While Princeton College was founded in 1746, the need was eventually felt for a seminary that would be distinct from the college. In 1812, this desire was realized with the establishment of Princeton Seminary, whose primary task was training and supplying ministers, teachers, and missionaries for the rapidly growing network of new churches within the American colonies. According to author and Princeton Seminary biographer David B. Calhoun, the seminary was founded with the desire that every student would:

Be careful and vigilant not to lose that inward sense of the power of godliness which he may have attained; but, on the contrary, to grow continually in a spirit of enlightened devotion and fervent piety; deeply impressed with the recollection that without this, all his other acquisitions will be comparatively of little worth, either to self, or to the church of which he is to be a minister.

Princeton Seminary 1812-1868

With this as their primary aim, Princeton sought to mold students into godly and pious intellectual forces to be reckoned with. Guiding them was the understanding that Christ is the source and foundation of all reason and truth (John 1:1,14; John 14:6), and therefore, they should seek to be every bit aligned with the person of Jesus Christ. In the same manner, it is also Christ who is “the power of God and the wisdom of God” (1 Cor. 1:24). And it is Christ in whom “are hidden all the treasures of wisdom and knowledge” (Col. 2:3). For Princeton, as with classical Christian education in general, wisdom and knowledge cannot be detached from the person and nature of Christ. This reality captivated the minds of the Princeton faculty, students, and graduates,  fueling their pursuit for a greater, more accurate understanding of who Christ is, how the world around them reflects or deflects Christ, and how they might win the world for Him.

Schools today compartmentalize subjects and teach them as separate and disconnected. However, Princeton’s classical Christian education taught that each and every subject is interwoven and connected, finding its origin in a common Source and Creator! Therefore, the chief aim of their Christian education was to better know God and make Him known by using the minds God had equipped them with for His glory and honor.

A Plan for Godliness 

As Moses (later Joshua) led Israel by example and through rigorous, repetitious instruction, so the founders and professors of Princeton led their young students. These men took great efforts to encourage the students in their godliness and piety toward God, and this is nowhere better evidenced than in the original “Plan” for the seminary. 

Once again “Old Princeton”1 biographer, David B Calhoun, further summarizes this desire for us. He writes,

The “Plan” called for the professors to encourage godliness among the students by “inculcating practical religion in their lectures and recitations” and by accompanying them with prayer “as frequently as they may judge proper.” It outlined “the path of duty” for seminary students: “devout meditation” every morning and evening, “devotional exercises” the whole of the Lord’s Day, and a monthly day for special prayer and self-examination.

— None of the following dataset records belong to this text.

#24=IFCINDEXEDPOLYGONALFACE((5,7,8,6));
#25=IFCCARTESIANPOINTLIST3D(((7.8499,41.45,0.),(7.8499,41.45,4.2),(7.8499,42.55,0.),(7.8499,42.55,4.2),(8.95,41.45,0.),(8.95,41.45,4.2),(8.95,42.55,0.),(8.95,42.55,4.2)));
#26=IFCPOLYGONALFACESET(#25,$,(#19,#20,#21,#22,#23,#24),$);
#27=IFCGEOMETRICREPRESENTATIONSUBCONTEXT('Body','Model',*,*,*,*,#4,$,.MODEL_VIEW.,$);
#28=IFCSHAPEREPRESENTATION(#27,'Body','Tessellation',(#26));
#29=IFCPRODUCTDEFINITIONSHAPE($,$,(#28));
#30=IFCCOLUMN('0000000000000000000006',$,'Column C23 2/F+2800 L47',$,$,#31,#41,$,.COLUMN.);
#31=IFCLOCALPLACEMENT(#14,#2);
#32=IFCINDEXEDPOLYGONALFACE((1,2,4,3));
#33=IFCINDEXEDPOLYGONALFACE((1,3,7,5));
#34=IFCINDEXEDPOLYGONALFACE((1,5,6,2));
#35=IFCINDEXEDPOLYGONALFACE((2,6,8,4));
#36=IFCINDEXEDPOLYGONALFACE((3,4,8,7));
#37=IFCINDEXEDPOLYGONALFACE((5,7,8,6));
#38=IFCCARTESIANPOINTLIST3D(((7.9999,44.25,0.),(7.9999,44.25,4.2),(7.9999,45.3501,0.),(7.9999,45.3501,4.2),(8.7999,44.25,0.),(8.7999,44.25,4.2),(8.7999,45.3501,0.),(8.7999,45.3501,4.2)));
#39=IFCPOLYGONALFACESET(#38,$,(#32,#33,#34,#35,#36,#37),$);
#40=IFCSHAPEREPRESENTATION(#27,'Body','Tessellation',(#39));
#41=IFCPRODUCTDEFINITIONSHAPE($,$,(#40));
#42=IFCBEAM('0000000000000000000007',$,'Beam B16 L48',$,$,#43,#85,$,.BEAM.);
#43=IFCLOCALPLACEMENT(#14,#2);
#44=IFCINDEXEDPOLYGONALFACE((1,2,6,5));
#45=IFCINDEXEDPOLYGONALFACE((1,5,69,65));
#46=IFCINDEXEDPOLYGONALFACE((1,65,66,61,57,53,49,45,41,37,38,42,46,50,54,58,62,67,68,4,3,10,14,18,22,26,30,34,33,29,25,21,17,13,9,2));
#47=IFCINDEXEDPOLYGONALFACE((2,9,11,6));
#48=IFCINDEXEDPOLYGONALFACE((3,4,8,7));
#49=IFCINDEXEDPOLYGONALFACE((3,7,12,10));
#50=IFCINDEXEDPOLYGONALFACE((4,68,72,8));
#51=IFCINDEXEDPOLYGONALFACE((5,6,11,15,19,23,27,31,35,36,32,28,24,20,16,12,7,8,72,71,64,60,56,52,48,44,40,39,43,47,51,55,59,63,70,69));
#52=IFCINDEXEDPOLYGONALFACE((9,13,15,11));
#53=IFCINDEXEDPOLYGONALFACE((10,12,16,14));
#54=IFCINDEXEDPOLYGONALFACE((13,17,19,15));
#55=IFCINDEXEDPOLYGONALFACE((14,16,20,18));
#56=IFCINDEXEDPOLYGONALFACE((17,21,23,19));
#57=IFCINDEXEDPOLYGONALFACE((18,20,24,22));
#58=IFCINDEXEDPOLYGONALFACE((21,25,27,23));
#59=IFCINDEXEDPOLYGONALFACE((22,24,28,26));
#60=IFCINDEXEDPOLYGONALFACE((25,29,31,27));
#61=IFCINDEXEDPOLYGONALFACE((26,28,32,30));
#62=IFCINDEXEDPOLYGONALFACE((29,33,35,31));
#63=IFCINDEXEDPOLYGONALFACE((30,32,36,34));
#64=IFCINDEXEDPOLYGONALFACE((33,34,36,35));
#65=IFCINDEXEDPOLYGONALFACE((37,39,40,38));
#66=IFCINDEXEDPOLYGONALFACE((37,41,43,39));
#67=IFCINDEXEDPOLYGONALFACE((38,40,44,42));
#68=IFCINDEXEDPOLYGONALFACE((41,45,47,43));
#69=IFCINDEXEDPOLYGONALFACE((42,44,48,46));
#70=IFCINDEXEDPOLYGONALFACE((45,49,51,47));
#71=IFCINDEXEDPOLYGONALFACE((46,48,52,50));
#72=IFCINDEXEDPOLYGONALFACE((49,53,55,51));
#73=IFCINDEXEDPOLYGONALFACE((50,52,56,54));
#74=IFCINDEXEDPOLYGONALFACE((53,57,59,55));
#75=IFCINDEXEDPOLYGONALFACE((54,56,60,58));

Princeton Seminary 1812-1868

By the end of their time at Princeton Seminary, students would have read many of the devotional and practical Christian classics highly regarded in their time, including works by John Owen, John Bunyan, Samuel Rutherford, John Flavel, and more. 

Dr. Archibald Alexander insisted that students should read John Owen’s book on Spiritual Mindedness every year and another professor wrote:

“To my taste Flavel is the most uniformly interesting, engaging, and refreshing writer on religion, ancient or modern. I always feel that I am talking with a Christian, fresh and ruddy, in perfect health and spirits, with no cloud or megrim, and with every power available at the moment”.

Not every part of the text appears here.